Currently, I try to assign certain properties of a comparison group (i.e.: mean income) to each individual in my microdata sample. The comparison groups are defined by some other observables (gender, region) and generated by other individuals. So far, I coded:
egen com_group = group(gender region)
bysort com_group: egen com_income = mean(income)
This works so far, but, this way raises two issues:
As the mean is calculated for all individuals in a certain group and the current observation is part of her own group, its own income counts for the calculation of mean income of own reference group. This might raise a (little) bias. This problem seems minor compared to problem 2.

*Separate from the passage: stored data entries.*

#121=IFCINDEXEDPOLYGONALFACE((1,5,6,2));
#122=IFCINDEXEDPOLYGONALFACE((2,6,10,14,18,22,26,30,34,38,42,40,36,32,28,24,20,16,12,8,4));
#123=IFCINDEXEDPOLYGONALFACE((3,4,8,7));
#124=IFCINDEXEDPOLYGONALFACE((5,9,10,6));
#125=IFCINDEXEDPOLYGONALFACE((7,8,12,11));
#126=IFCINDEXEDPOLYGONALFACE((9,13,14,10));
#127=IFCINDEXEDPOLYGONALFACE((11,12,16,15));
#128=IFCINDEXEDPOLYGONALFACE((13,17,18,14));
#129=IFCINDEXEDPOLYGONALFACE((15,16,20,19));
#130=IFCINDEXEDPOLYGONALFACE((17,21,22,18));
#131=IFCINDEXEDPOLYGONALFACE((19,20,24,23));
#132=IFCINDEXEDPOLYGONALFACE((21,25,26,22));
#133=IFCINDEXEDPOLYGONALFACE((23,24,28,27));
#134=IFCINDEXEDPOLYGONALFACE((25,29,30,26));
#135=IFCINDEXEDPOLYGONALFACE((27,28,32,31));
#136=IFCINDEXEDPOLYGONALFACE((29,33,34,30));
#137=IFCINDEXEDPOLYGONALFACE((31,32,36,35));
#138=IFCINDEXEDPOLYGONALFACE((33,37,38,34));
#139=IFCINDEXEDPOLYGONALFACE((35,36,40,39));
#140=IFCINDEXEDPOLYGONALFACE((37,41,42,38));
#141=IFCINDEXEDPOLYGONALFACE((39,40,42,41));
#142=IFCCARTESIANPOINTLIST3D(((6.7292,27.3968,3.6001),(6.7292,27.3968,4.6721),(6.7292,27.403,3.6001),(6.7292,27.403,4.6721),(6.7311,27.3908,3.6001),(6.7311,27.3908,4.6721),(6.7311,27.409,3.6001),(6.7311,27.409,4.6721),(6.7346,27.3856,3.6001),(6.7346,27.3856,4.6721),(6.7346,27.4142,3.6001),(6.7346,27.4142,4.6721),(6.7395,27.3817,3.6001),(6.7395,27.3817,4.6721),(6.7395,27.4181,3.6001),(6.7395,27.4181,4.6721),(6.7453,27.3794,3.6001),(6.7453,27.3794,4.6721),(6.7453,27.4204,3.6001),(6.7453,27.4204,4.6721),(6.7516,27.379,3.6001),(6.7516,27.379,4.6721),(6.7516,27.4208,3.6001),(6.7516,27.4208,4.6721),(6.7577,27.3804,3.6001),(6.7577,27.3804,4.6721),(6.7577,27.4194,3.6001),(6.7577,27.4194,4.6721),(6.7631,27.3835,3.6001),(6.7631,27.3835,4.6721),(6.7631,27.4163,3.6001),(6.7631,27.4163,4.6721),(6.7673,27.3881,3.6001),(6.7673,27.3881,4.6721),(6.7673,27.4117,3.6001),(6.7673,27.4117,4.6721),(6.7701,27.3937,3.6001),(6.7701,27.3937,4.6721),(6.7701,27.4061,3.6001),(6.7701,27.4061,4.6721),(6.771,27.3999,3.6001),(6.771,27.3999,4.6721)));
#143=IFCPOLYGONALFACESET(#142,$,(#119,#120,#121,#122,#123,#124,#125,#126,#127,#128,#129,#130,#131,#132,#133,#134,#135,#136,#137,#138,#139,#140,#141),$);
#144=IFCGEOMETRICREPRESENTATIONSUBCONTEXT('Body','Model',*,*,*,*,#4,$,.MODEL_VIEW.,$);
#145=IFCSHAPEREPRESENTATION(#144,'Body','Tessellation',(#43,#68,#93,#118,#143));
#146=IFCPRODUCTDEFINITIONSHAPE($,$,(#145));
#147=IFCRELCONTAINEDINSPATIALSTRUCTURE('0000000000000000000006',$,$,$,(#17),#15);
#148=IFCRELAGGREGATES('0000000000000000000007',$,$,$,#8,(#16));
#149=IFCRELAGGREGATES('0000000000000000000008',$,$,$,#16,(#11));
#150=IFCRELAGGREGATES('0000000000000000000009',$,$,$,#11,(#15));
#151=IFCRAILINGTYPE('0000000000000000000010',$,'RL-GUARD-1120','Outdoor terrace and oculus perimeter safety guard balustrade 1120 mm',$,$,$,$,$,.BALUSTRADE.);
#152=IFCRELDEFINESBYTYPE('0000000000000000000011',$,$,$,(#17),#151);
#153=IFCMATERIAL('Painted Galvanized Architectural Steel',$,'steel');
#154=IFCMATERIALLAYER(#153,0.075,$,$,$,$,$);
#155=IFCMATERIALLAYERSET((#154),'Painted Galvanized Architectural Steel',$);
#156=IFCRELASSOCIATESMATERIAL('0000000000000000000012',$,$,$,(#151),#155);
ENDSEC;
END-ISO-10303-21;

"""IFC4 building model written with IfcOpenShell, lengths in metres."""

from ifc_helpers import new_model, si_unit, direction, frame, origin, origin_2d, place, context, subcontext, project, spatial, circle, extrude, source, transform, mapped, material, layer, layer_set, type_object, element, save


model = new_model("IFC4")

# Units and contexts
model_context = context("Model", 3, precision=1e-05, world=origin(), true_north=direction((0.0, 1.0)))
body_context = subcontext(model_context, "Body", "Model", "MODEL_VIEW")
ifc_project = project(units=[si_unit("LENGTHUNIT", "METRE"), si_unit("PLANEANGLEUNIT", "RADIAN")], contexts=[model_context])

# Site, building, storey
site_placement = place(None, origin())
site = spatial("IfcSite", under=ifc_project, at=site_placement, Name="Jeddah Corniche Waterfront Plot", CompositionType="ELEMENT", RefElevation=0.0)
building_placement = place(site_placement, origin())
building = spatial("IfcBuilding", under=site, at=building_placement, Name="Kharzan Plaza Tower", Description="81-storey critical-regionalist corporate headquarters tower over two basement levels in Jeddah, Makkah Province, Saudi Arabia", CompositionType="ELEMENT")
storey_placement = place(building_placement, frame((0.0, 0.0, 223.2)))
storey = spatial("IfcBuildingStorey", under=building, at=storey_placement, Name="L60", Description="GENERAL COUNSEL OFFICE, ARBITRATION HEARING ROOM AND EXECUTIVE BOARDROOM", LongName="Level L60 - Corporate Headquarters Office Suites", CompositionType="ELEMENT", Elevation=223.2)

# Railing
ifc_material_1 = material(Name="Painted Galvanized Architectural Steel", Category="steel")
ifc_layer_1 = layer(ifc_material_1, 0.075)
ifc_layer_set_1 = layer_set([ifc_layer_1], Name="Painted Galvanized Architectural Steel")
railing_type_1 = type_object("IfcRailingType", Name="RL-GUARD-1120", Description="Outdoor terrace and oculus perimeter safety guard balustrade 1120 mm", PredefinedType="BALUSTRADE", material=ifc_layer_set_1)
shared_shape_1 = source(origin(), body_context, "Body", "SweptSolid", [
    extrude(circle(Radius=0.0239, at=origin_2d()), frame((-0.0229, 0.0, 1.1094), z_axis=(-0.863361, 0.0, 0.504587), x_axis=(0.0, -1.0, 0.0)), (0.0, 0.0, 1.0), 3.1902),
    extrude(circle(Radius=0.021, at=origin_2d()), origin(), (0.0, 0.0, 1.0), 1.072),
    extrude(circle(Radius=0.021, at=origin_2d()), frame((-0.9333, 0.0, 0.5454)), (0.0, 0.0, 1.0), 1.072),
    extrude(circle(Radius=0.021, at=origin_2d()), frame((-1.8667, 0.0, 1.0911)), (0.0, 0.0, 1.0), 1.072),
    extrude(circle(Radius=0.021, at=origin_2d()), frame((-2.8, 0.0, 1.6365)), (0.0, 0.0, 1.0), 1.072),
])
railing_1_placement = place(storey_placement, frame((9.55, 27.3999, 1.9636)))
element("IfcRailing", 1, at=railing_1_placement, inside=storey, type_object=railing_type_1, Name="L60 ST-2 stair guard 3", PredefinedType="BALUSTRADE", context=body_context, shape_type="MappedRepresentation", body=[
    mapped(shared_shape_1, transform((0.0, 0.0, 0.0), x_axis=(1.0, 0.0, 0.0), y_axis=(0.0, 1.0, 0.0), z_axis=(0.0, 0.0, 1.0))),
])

I would prefer to assign the average income of less static groups. More concrete, I’m thinking about generating comparison groups of type group(gender region age+-5years). So, this running age brackets can’t be solved in the above mentioned way as each observation of a different age has a different age bracket. This information can’t be saved in one variable like “ref_group” before. My idea was to loop over all observations and generate observation specific reference groups. But, I don’t really know how to do this…
Will this give you what you want? I have not checked details. I will add some explanation later. In this example, the range for age
is +/- 1 and the grouping variable is race
clear all
set more off
*----- example data -----
input ///
idcode age race wage
45 35 1 10.18518
47 35 1 3.526568
48 35 1 5.852843
1 37 2 11.73913
2 37 2 6.400963
9 37 1 10.49114
36 37 1 4.180602
7 39 1 4.62963
15 39 1 16.79548
20 39 1 9.661837
12 40 1 17.20612
13 40 1 13.08374
14 40 1 7.745568
16 40 1 15.48309
18 40 1 5.233495
19 40 1 10.16103
97 40 2 19.92563
22 41 1 9.057972
24 41 1 11.09501
44 41 1 28.45666
98 41 2 4.098635
3 42 2 5.016723
6 42 1 8.083731
23 42 1 8.05153
25 42 1 9.581316
99 42 2 9.875124
4 43 1 9.033813
39 44 1 9.790657
46 44 1 3.051529
end
sort age idcode
list, sepby(age)
*----- what you want -----
gen mwage = .
levelsof race, local(lrace)
forvalues i = 1/`=_N' {
foreach j of local lrace {
summarize wage if ///
inrange(age, age[`i']-1, age[`i']+1) /// age condition
& race == `j' /// race condition
& _n != `i' /// self-exclude condition
, meanonly
replace mwage = r(mean) if race == `j' in `i'
}
}
list, sepby(age)
If Stata is too slow with your database, then you can do it with Mata. Here is my attempt at it (I'm only starting to use it):
clear all
set more off
*----- example data -----
sysuse nlsw88
expand 2
*----- what you want -----
egen gro = group(race industry) // grouping variables
* Get number of groups
summarize gro, meanonly
local numgro = r(max)
* Compute upper limits for groups
forvalues i = 1/`numgro' {
summarize gro if gro == `i', meanonly
local countgro `countgro' `r(N)'
}
/*
sort group and bracking var. sort in Stata so Mata results
can be posted back to Stata using only -getmata-
*/
sort gro age
* Take statistic and bracking variables to Mata
putmata STVAR=wage BRVAR=age
mata:
/*
Get upper limits of groups from Stata.
Not considered good style. See Mata Matters: Macros, Gould (2008)
*/
UPLIM = tokens(st_local("countgro"))
UPLIM = runningsum(strtoreal(UPLIM)) // upper limits of groups
/*
For example, in the following observation ranges, each line
shows lower and upper limits:
1-11
12-23
24-28
29-29
*/
ST = J(rows(STVAR), 1, .)
for (i = 1; i <= cols(UPLIM); i++) {
if (i == 1) {
ro = 1
}
else {
ro = UPLIM[i-1]+1
}
co = UPLIM[i]
STVARP = STVAR[|ro\co|] // statistic variable
BRVARP = BRVAR[|ro\co|] // bracket variable
STPART = J(rows(STVARP), 1, 0)
for (j = 1; j <= rows(BRVARP); j++) {
SMALLER = BRVARP :>= BRVARP[j] - 1
LARGER = BRVARP :<= BRVARP[j] + 1
STPART[j] = ( sum(STVARP :* SMALLER :* LARGER) - STVARP[j] ) / ( sum(SMALLER :* LARGER) - 1 ) //division by zero gives . for last group with only one observation
}
ST[|ro\co|] = STPART // stack results
}
end
getmata mwage=ST
keep wage race industry gro age mwage
sort gro age wage
//list wage gro age matawage, sepby(gro)
Mata is formidable with loops; a database with 15.000 observations takes only a few seconds.